# Homework Help: Graphic Exponentials help

1. Jan 13, 2010

### TyErd

The graph of a function with equation y=e^(2x) - 3ke^(x) +5 intersects the axes at (0.0) and (a,0) and has a horizontal asymptote at y=b. Find the exact values of a,b and k.

I tried assigning a variable to e^x but struck a dead end.

2. Jan 13, 2010

### Bohrok

Re: Exponentials

If (0, 0) is a point on the graph, then you can replace y and x with 0 to solve for k, and a won't be hard to solve for after that.
Have you found b?

3. Jan 13, 2010

### TyErd

Re: Exponentials

oooohk so i found k and it equals 2 and also a which equals loge(5). and no i haven't found b

4. Jan 13, 2010

### TyErd

Re: Exponentials

not sure how to find b

5. Jan 13, 2010

### vela

Staff Emeritus
Re: Exponentials

If $z=e^x$, you have $y=z^2-6z+5$. Does that help?

6. Jan 13, 2010

### Bohrok

Re: Exponentials

Think of what happens with y = e2x - 3kex as x→∞ or -∞. Does it approach a certain value? What happens when you shift the graph up 5 units with the +5?

7. Jan 13, 2010

### Staff: Mentor

Re: Exponentials

vela is leading you toward finding the x-intercepts, and Bohrok is leading you toward finding the horizontal asymptote.

8. Jan 14, 2010

### vela

Staff Emeritus
Re: Exponentials

Yeah, I misread the problem. Ignore what I said.

9. Jan 14, 2010

### Staff: Mentor

Re: Exponentials

No, not a problem. I was just pointing out to the OP that the two of you were looking at different parts of the problem.

10. Jan 14, 2010

### TyErd

Re: Exponentials

hey im still having trouble understanding what the horizontal asymptote is.

11. Jan 14, 2010

### TyErd

Re: Exponentials

b is 5 but i dont get why

12. Jan 14, 2010

### vela

Staff Emeritus
Re: Exponentials

What does the function do as x goes to infinity or -infinity?

13. Jan 14, 2010

### TyErd

Re: Exponentials

do i have to use the calculator to do that?

14. Jan 14, 2010

### Altabeh

Re: Exponentials

Of course not!

Just try to puzzle out where y goes for x-> -oo. I've excluded +oo to get you to understand something important. Use the fact that for any x, x^a =0 if a-->-oo.

15. Jan 14, 2010

### Staff: Mentor

Re: Exponentials

This not true for 0 < x < 1. Even if you limit it to x > 1, x^a merely approaches zero as a gets large. x^a is not equal to zero for any real value of a.

Last edited: Jan 14, 2010
16. Jan 14, 2010

### TyErd

Re: Exponentials

ook,as x approaches -infinity it gets closer to 5 but at a certain -x value, y actually equals 5. Which isnt right because its suppose to be an asymptote. And also why exclude positive infinity??

17. Jan 14, 2010

### Staff: Mentor

Re: Exponentials

as x approaches -infinity y approaches 5. The use of "it" is confusing because a casual reader would think you were talking about x. There is no negative value of x for which y = e2x - 6ex + 5 equals 5. In fact, for x < 0, y is always < 5, but it gets infinitesimally close to 5 the more negative x gets.
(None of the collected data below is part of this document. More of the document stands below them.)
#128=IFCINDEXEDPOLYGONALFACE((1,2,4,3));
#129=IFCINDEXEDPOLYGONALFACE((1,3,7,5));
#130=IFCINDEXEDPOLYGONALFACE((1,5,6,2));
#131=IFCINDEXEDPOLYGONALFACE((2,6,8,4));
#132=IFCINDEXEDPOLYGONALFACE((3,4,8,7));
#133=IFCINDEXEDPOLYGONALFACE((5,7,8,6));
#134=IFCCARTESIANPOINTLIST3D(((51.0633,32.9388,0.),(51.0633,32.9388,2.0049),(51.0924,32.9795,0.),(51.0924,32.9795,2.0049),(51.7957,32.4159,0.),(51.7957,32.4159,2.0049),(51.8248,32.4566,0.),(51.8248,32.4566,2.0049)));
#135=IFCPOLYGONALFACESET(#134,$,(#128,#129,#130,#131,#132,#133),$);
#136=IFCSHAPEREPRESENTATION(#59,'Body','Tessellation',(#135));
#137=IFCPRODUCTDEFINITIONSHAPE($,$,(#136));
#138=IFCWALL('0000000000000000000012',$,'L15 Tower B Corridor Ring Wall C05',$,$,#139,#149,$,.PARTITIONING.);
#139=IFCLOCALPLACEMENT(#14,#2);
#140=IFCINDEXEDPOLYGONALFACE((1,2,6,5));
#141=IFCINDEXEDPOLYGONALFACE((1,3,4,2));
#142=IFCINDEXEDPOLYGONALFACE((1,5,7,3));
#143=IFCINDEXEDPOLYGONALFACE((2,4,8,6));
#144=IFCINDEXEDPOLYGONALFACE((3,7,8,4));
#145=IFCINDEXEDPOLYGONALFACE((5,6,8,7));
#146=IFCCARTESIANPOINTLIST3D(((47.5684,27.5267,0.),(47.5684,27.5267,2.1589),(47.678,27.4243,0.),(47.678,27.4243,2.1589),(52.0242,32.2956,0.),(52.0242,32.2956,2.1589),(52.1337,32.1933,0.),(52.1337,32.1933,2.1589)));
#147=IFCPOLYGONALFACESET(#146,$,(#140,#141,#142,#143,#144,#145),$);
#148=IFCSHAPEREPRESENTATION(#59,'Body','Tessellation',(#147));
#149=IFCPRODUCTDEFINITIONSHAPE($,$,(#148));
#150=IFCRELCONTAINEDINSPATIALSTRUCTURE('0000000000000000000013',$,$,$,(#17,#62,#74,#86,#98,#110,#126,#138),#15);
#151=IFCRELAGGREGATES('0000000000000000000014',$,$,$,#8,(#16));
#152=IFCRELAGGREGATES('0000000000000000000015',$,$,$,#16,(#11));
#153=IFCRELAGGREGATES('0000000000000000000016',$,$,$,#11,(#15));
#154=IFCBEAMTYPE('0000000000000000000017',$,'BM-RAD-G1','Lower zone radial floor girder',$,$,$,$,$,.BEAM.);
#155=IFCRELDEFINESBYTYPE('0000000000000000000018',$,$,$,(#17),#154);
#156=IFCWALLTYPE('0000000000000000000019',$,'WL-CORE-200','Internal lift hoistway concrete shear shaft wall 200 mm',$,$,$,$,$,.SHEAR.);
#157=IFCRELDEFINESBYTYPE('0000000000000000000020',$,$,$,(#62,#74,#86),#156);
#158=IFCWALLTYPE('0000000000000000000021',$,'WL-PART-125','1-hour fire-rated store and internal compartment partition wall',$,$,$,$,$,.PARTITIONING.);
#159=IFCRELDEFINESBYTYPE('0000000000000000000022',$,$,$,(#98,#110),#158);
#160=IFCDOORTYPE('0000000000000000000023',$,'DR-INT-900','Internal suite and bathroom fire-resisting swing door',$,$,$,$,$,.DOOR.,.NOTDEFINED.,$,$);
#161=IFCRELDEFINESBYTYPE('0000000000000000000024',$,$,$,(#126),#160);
There is a positive value of x for which y = 5, but we're talking about asymptotic behavior for x < 0, i.e., behavior for very negative x values.

18. Jan 14, 2010

### TyErd

Re: Exponentials

Im not sure if im doing something wrong but I just substituted -15 into x and y equaled 5 but as i get more negative like x=-1000, y still equals 5.

19. Jan 14, 2010

### vela

Staff Emeritus
Re: Exponentials

You're probably running into the limitations of your calculator. For x=-15, to ten decimal places, y=4.9999981645, which is within two-millionths of 5. At x=-1000, y differs from 5 by about $3\times10^{-434}$.

20. Jan 14, 2010

### TyErd

Re: Exponentials

oh yea vela you're right, i just tried it on a different calculator.